Marines and sailors responded to simulated explosions and enemy contact while moving swiftly through assigned missions as they were evaluated by SOTG.
“The SOTG staff is a very experienced staff,” said Goebel, a Moreno Valley, California, native. “I really enjoyed their approach—the way they provided that level of expertise to shape our standard operating procedures and made recommendations based on what they have seen work in the past.”
After the imminent threat was clear and the compound was secure, the Marines and Sailors withdrew from the town with support from VMM-365 (Rein).
“The Marines and sailors performed very well. This was my first field operation with the company,” said Goebel. “It was a great opportunity to see them perform in an entire full mission profile from start to finish and it gave me a good observation on where the company stands. Now we can plan for future training and work on the areas we need to work on.”
Motorized Raid Course
“A motorized raid is an element that can move in and exploit an objective quickly using a lot of fire power from vehicles including Humvees and Light Armored Vehicles, along with boots on the ground that can quickly get out and cover a wide variety of missions.”
Said Sgt. Chad Wooten, a section leader with Combined Anti-Armor Team 1, Weapons Co., BLT 3/6, 24th MEU.
As a 24th MEU BLT asset, CAAT teams are designed to push ahead of the battalion and create blockades to isolate enemy threats and control the flow of battle. The training centered on all the details involved with conducting raids, including military operations in urban terrain, understanding the roles and tasks of the company’s platoons, and the employment of the MEU’s assets to ensure mission readiness.
“If you look at our area of responsibility for our deployment with the 24th MEU, we are looking at a whole different array and variety of potential mission sets,” said Wooten, a Dallas native. “So when I look at the CAAT and light armored reconnaissance packages, whether it is light, medium or heavy, we are ready for most things the MEU commander can task us with.”
The light package allows them to use the least amount of vehicles possible and people on the ground while the heavy package can send upwards of 30 light armored vehicles and eight or more CAAT vehicles. The medium package lies somewhere between the other packages, explained Wooten.

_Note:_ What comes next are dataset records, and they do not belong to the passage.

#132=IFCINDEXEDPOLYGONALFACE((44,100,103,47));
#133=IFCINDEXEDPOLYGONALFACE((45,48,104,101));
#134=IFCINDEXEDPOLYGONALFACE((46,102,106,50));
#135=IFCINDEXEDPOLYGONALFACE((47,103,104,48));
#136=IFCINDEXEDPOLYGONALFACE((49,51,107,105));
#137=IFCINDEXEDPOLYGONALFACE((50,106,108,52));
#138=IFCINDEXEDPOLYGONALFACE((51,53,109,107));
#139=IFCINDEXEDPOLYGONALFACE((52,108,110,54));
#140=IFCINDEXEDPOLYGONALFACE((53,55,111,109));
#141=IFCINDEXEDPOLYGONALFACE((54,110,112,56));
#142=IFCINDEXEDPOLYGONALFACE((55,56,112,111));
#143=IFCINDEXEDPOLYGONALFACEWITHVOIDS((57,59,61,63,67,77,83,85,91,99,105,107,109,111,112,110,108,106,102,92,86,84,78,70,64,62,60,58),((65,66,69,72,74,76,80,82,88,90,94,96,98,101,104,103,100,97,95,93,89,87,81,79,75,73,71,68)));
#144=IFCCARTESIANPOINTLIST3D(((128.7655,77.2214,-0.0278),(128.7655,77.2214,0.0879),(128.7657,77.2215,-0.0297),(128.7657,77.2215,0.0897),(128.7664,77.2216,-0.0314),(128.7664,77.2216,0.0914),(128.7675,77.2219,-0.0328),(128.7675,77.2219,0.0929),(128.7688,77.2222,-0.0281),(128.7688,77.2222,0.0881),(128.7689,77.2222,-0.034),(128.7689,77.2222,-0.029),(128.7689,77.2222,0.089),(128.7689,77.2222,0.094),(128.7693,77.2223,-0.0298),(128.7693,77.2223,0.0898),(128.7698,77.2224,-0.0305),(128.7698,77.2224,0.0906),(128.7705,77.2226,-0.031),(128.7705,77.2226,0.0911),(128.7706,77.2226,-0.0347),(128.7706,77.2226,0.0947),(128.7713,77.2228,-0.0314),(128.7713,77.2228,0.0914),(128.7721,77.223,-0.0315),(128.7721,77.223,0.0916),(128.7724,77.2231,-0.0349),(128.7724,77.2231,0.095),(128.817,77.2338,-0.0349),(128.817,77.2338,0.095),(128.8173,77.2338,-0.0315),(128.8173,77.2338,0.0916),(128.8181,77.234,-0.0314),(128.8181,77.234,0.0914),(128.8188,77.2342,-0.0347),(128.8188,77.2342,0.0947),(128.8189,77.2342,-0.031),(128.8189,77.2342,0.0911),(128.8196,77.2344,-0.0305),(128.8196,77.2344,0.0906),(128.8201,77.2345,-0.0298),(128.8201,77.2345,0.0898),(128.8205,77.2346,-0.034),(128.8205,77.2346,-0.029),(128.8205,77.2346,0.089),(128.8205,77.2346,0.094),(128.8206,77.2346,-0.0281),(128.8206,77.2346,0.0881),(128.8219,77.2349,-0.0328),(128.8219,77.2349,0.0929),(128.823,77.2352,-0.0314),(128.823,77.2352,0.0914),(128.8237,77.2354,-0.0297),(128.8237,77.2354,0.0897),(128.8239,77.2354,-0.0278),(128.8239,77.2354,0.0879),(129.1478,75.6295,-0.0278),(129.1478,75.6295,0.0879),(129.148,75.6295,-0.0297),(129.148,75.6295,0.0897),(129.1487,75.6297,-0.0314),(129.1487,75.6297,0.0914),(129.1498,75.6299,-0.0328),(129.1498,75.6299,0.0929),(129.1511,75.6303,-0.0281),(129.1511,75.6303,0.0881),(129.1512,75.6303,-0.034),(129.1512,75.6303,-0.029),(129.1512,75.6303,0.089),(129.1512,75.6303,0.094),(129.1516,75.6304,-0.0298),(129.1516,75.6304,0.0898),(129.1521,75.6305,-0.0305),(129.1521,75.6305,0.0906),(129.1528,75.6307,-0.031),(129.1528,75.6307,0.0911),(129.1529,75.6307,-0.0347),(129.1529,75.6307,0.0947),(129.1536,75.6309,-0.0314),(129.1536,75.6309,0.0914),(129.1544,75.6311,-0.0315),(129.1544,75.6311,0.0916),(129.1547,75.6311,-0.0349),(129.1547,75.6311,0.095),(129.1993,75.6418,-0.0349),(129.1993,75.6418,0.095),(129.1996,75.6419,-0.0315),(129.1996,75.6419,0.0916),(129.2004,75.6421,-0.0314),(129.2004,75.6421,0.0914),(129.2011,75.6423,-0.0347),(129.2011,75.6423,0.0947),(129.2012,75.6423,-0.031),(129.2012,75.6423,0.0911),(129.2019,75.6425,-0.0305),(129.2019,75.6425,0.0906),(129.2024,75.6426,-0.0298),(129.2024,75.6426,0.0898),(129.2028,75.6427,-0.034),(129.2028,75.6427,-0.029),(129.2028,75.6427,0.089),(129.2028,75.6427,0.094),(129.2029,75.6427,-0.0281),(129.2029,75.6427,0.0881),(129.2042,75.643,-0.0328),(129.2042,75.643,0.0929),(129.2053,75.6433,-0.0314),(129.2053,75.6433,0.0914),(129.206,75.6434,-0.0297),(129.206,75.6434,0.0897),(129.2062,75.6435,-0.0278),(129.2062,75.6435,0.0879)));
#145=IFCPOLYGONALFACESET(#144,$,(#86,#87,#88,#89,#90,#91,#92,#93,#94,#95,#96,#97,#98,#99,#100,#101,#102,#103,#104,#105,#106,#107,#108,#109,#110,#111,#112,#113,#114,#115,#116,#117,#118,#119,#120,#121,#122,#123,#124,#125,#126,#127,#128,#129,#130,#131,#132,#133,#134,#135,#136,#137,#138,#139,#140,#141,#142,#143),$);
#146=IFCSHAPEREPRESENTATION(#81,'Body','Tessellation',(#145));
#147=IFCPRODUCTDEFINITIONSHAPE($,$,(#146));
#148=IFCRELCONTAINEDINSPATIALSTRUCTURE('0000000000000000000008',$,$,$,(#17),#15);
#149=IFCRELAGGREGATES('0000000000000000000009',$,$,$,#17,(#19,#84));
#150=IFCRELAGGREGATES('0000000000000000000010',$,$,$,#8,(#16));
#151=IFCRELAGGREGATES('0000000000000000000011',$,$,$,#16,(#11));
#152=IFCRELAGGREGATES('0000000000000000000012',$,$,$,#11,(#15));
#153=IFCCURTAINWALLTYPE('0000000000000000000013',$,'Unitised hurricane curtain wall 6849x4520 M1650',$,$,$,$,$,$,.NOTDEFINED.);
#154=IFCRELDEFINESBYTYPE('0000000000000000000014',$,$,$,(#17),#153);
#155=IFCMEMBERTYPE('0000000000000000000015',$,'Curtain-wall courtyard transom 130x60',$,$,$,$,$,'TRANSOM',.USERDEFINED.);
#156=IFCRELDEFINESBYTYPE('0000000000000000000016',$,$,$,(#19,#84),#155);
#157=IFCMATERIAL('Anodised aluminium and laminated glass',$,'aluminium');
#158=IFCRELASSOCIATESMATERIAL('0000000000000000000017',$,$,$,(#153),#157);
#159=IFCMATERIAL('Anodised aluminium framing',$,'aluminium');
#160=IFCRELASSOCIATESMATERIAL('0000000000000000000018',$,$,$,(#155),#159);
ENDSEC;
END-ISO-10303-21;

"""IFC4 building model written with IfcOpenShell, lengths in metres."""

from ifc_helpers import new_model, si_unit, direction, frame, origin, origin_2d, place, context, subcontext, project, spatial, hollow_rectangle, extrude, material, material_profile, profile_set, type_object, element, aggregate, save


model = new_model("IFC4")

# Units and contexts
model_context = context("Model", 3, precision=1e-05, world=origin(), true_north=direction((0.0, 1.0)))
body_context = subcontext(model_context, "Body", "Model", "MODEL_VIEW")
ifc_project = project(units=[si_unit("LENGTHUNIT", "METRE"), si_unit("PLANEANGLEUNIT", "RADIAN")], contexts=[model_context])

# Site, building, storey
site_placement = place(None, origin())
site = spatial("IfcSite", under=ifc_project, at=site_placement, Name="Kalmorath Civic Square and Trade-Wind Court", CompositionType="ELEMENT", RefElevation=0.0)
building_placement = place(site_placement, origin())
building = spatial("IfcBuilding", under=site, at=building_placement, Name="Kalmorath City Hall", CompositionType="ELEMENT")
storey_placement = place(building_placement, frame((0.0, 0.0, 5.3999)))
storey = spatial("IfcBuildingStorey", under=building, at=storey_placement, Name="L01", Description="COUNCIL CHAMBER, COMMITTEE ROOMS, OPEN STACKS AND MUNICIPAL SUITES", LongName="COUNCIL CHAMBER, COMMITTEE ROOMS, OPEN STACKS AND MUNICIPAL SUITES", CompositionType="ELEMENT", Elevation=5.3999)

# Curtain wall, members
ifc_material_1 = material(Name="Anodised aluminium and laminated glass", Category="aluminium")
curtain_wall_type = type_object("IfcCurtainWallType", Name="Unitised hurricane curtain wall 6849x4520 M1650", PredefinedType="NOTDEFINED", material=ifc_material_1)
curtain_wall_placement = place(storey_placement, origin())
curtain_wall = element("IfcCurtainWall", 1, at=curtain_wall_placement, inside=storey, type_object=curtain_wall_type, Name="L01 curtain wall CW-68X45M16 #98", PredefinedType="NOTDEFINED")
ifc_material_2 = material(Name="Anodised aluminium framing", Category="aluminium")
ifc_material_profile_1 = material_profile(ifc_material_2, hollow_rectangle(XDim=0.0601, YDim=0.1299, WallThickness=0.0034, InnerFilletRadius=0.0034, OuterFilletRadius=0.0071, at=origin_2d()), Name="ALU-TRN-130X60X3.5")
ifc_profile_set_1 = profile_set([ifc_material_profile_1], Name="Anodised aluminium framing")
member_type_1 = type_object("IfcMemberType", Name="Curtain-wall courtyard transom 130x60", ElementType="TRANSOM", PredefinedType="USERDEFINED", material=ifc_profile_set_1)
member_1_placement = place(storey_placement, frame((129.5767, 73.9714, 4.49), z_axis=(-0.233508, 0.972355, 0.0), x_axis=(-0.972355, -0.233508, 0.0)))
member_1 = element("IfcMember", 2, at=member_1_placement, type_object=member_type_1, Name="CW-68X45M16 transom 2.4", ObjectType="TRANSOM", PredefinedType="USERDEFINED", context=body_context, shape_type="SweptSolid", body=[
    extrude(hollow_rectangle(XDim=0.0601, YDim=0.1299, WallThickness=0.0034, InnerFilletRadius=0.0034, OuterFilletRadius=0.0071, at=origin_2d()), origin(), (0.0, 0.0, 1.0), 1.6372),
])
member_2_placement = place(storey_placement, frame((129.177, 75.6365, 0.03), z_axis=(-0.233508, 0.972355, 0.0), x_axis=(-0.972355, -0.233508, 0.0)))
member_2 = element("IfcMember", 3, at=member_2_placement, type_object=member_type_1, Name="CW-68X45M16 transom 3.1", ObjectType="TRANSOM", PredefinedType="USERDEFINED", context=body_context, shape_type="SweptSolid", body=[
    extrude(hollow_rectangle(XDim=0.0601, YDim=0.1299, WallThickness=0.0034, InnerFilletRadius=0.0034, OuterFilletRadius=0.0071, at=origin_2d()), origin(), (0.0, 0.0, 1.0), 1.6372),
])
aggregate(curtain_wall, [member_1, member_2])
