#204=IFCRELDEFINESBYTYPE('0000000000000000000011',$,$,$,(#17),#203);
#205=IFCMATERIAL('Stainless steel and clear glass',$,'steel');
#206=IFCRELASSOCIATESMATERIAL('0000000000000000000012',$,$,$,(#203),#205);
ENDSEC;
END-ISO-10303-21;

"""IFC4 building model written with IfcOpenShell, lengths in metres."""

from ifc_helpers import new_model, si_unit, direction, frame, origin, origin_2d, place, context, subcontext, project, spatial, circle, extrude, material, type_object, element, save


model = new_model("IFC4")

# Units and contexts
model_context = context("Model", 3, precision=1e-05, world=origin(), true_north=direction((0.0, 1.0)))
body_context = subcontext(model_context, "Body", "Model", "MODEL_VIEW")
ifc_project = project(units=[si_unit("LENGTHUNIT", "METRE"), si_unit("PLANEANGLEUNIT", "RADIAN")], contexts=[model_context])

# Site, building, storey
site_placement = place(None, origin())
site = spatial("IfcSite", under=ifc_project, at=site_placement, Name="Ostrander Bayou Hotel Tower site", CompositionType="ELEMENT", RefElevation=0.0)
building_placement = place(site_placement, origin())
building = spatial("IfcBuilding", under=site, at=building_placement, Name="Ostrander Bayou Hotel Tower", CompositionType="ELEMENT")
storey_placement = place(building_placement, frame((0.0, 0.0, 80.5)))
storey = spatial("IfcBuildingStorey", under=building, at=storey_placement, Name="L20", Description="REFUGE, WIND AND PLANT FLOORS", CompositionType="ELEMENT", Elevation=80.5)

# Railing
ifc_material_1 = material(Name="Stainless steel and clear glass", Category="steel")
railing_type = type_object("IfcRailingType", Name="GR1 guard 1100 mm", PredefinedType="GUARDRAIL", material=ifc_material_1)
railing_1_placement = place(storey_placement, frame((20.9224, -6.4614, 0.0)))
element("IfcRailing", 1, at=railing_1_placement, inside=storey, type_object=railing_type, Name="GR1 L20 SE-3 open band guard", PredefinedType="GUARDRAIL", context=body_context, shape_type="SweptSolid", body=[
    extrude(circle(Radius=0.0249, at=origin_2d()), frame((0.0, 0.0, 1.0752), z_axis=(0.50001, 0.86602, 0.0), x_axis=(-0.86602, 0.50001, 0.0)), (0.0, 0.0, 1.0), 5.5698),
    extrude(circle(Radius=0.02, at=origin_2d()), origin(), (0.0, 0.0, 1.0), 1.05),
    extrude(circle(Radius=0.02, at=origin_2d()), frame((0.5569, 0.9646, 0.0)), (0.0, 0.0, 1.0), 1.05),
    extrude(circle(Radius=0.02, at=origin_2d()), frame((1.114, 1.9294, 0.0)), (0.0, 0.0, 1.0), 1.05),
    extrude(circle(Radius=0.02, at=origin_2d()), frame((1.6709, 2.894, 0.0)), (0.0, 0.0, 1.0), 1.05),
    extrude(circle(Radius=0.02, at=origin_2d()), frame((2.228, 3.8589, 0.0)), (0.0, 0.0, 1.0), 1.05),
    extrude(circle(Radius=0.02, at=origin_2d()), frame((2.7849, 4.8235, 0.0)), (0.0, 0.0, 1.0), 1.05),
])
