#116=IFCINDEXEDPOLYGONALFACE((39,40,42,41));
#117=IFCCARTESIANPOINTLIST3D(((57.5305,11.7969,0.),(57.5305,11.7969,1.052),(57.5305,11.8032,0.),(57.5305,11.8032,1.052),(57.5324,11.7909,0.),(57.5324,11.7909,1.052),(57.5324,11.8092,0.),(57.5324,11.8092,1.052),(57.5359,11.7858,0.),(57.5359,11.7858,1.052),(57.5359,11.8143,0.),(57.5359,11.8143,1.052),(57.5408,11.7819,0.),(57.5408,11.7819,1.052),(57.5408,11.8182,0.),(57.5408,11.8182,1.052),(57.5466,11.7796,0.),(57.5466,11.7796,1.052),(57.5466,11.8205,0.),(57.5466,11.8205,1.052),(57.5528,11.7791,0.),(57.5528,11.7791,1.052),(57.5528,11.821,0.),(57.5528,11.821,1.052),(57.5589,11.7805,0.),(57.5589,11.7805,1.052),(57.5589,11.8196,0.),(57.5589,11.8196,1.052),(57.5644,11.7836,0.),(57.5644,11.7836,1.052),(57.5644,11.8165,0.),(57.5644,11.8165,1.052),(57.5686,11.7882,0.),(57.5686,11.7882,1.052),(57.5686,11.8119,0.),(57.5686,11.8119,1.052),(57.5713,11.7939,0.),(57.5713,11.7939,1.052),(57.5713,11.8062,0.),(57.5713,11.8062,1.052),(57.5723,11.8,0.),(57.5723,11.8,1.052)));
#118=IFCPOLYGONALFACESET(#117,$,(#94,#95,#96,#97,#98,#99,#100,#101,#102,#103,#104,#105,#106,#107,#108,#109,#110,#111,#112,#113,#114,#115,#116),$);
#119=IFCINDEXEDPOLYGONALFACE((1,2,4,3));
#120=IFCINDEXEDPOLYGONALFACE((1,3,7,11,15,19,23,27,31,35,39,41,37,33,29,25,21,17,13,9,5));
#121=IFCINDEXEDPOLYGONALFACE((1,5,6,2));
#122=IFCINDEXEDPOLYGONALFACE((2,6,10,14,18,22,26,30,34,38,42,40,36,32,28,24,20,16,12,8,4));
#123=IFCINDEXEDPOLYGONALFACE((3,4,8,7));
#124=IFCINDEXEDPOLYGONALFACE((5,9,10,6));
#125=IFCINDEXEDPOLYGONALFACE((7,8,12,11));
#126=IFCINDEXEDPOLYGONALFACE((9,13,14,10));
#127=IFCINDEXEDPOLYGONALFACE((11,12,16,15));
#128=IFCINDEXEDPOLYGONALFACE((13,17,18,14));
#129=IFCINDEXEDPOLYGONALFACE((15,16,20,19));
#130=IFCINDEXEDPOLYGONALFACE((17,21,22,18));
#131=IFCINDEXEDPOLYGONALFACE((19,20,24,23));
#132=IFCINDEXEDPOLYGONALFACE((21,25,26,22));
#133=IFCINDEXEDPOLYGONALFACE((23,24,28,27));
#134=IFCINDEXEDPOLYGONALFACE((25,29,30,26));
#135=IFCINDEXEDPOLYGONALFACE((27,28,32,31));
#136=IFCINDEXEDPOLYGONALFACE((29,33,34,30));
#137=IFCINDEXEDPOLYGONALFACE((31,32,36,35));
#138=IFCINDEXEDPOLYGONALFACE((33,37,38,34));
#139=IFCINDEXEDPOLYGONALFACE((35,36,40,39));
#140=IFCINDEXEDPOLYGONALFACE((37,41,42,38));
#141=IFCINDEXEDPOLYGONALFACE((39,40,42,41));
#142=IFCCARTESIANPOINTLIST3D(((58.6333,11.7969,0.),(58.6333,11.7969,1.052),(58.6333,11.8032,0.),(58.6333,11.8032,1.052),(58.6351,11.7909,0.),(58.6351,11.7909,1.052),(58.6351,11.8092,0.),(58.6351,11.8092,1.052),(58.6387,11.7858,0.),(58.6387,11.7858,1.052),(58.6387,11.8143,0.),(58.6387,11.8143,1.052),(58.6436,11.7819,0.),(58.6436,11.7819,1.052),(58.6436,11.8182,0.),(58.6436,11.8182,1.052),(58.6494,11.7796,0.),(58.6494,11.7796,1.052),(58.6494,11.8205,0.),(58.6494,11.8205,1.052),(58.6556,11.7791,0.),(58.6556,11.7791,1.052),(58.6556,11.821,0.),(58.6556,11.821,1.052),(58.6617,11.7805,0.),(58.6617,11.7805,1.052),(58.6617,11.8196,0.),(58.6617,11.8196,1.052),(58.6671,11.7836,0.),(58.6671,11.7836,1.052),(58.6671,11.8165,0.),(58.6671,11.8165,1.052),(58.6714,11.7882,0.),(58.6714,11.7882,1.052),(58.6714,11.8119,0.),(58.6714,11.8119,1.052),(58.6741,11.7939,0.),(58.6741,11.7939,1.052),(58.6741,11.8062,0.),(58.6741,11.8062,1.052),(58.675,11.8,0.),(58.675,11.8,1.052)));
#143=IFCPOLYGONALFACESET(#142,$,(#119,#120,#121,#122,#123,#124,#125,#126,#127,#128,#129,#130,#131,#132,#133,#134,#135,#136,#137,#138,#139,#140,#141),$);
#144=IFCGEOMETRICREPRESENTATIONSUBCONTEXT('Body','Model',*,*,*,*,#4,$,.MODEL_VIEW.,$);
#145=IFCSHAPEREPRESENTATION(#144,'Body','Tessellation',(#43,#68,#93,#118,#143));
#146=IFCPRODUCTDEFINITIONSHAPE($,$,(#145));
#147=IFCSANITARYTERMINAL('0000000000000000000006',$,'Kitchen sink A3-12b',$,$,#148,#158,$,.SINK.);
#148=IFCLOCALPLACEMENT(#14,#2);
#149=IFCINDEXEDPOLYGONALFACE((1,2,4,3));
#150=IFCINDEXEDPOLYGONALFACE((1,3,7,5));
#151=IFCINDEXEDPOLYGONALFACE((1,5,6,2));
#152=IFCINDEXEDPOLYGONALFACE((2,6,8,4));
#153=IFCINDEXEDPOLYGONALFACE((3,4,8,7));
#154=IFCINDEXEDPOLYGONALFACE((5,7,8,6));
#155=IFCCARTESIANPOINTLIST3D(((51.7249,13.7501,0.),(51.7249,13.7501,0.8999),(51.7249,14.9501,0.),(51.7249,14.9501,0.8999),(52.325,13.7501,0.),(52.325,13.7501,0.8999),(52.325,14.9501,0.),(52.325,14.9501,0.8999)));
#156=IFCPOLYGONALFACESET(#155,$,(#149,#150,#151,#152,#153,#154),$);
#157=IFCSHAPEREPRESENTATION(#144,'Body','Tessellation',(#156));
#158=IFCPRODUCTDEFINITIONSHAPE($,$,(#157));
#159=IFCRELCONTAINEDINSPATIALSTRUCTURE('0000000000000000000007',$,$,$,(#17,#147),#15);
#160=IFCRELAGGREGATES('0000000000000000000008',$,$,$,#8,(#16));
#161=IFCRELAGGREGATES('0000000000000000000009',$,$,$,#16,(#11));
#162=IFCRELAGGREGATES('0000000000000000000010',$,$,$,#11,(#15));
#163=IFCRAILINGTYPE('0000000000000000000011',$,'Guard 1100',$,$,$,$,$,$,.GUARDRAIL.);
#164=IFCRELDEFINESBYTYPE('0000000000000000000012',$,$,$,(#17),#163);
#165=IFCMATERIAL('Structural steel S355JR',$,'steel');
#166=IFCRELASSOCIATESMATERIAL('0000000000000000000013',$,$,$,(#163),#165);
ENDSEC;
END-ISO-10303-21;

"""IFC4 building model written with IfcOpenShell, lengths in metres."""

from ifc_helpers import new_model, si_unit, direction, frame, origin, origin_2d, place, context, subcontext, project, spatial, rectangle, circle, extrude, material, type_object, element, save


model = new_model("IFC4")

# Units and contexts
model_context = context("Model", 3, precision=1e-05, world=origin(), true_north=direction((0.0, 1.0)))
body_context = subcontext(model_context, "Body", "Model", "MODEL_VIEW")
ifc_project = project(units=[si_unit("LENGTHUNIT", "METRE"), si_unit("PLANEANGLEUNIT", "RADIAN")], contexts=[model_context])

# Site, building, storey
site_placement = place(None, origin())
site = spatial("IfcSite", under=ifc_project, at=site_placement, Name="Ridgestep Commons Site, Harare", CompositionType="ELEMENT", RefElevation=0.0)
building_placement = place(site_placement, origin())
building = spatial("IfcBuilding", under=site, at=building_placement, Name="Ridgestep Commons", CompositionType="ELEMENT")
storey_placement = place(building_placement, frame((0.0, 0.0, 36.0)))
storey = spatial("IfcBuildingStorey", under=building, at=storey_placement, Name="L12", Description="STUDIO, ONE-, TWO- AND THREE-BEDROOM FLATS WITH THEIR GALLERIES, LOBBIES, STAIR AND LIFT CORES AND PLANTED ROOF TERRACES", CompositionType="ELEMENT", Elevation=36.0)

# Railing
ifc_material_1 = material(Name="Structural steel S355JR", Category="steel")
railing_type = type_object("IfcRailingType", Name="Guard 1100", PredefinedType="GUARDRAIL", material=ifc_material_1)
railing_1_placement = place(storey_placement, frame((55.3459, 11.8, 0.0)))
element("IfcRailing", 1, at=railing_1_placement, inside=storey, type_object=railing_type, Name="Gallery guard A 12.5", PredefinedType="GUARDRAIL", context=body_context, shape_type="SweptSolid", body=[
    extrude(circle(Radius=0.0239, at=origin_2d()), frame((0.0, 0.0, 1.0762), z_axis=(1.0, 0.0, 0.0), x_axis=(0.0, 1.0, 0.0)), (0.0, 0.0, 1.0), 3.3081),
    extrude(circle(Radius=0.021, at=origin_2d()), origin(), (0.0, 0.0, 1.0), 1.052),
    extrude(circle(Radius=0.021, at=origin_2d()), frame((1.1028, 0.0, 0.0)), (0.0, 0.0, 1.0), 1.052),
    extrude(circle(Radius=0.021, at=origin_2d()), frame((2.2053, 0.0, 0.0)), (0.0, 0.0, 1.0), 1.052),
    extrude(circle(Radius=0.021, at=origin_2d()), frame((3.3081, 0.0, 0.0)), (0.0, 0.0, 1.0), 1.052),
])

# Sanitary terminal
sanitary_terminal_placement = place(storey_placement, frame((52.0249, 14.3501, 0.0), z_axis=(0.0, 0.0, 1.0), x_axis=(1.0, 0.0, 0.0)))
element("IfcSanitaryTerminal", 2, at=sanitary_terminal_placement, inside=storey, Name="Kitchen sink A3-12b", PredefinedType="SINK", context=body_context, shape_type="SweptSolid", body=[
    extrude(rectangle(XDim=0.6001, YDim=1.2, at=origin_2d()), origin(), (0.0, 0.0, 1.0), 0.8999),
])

“You have to be able to flex and go from humanitarian mission, to non-combatant mission, to kicking in doors and sending rounds down range in the flip of a second. Since day one, the Marines really showed an aptitude to pick up that mindset, put it down, and then immediately pick it back up,” said Wooten. “I look forward to future actions using the lessons we have learned this week.”
The Marines and sailors with BLT 3/6 completed its raid packages in preparation of the 24th MEU’s upcoming deployment. It was also an opportunity for VMM-365 (Rein) to train with the BLT.
Over the years, the 24th MEU has responded to various scenarios ranging from full-scale combat operations to humanitarian assistance and disaster relief. Raid packages, along with a variety of other pre-deployment training exercises, will prepare the roughly 2,500 Marines and Sailors for any mission the commander may ask of them.